第62話 プロの冒険者になる準備

 ――翌々日の月曜日。

 朝礼が鳴る前の、登校してきた生徒達が準備やおしゃべりに興じる時間帯。

 

「なるほどなぁ……お前がプロ冒険者に、ねぇ」


 何やら感慨深そうに呟く英次が、俺の机の上へ頬杖を突く。

 相変わらず背もたれを前にして座る、なんともだらしのない格好だ。


「まあ、とっくに身バレしちゃったし。断る理由はないかなって」


 俺は紙にペンを走らせつつ答える。


「あらやだ。あの翔くんが、こんなに立派になっちゃって」

「お前が俺の何を知ってんだよ」


 わざとらしく涙ぐんでハンカチを取り出す英次に鋭くツッコミを入れる。

 コイツこの野郎。

 無駄にキャラが濃いしカッコいい活躍があったせいで忘れがちだが、まだ出会って三週間弱しか経っていない。


 時期的にはまだ4月下旬。

 今週末からゴールデンウィークに突入するというくらいの序盤も序盤なのに、いつの間にか俺の全てを知ってるような言い方をしてきやがる。


 ――と、俺がイライラしているのには理由がある。

何が起きても怒ることのない海のように広い心を持つこの俺が、だ。

え? 豪気と君塚にぶち切れて、ダンジョンごと吹き飛ばしていただろって?

 ちょっと、記憶にございませんね(すっとぼけ)。


 とにかく、俺が少しばかりキレそうな理由は、今必死で書いているもののせいであった。
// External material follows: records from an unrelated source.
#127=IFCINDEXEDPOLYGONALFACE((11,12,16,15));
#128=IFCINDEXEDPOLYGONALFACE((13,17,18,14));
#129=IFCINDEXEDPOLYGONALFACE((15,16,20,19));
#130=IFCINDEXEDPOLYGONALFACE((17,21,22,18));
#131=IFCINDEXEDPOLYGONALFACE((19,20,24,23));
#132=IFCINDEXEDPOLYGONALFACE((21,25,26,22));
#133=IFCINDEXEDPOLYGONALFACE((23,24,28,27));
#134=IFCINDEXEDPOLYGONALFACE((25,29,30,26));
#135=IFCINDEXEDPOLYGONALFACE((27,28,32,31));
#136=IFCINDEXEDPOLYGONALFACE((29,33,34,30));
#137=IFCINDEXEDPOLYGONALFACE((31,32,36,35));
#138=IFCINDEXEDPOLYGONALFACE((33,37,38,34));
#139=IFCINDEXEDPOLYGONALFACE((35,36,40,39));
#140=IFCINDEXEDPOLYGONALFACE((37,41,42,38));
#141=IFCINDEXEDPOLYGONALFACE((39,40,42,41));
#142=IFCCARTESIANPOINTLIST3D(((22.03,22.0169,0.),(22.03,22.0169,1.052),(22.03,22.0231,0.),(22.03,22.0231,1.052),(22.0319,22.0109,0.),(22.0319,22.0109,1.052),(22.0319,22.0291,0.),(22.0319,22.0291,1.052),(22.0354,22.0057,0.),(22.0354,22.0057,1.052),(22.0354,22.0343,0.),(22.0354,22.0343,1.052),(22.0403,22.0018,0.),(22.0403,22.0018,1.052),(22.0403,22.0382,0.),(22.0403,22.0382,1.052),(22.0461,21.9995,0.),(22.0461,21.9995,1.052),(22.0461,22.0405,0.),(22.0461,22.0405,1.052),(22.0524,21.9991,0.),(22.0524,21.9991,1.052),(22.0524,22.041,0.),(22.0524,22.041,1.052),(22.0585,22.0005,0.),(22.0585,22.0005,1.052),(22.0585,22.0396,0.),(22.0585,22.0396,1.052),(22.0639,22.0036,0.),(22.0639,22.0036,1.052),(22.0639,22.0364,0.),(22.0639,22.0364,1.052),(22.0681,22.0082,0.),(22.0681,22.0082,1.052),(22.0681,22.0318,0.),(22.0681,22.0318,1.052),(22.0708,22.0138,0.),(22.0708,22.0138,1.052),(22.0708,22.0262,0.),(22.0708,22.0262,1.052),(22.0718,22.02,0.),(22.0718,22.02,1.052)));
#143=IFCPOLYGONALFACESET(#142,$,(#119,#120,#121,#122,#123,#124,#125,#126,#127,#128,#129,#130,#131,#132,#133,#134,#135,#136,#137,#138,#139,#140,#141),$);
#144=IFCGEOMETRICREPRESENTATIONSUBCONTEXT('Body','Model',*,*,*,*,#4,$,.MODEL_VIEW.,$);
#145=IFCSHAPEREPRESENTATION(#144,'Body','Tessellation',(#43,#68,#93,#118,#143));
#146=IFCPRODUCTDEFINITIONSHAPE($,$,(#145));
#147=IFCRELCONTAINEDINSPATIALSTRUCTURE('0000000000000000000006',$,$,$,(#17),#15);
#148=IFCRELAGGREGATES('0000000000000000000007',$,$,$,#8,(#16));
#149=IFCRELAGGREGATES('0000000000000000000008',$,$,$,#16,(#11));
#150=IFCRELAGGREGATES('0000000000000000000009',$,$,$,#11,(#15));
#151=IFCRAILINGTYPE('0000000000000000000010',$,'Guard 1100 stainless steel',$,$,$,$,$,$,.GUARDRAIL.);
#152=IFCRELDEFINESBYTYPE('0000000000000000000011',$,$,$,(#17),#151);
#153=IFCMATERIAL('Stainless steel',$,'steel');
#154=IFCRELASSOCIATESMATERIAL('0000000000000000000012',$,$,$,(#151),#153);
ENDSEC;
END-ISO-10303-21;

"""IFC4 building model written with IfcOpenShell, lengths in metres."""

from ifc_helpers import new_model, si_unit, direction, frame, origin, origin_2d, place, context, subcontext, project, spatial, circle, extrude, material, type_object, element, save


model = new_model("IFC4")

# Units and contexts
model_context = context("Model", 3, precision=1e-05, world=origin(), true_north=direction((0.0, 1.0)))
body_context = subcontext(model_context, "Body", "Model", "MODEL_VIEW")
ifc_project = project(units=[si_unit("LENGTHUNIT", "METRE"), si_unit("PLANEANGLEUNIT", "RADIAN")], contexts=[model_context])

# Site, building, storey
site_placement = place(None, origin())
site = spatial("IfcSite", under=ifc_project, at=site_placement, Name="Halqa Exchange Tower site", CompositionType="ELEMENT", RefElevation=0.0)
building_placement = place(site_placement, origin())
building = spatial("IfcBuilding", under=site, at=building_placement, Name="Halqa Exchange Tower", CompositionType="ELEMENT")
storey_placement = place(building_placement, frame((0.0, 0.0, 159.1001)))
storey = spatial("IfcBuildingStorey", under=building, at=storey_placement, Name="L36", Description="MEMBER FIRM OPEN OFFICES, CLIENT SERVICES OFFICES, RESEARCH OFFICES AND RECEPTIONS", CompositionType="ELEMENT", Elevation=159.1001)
 ちなみに、漢字書き取りを忘れてきたとかそういう理由ではない。

 ぶっちゃけ、その方がまだよかった。


 俺は、いい加減手が痛くなってきてペンを放り捨てる。


「だぁ~~もう! サインとか、書くのダルすぎる! こんなことになるなら、プロのダンジョン冒険者になるの断ればよかったぁあああああっ!!」

「おい。さっき、「断る理由はないかなって(キリッ)」とか言っていたのはどこの誰だよ」


 山のように積み上げられたサインの書かれた書類の山を尻目に絶叫する俺を、ジト目で睨む英次。

 そんな目で見るなよ、こっちとしても完全に想定外だったんだ。

 そもそも俺はまだダンジョン冒険者として活動しているわけじゃないから、このサインの山はすべて、クラスメイトなど、頼んできた人達の分だ。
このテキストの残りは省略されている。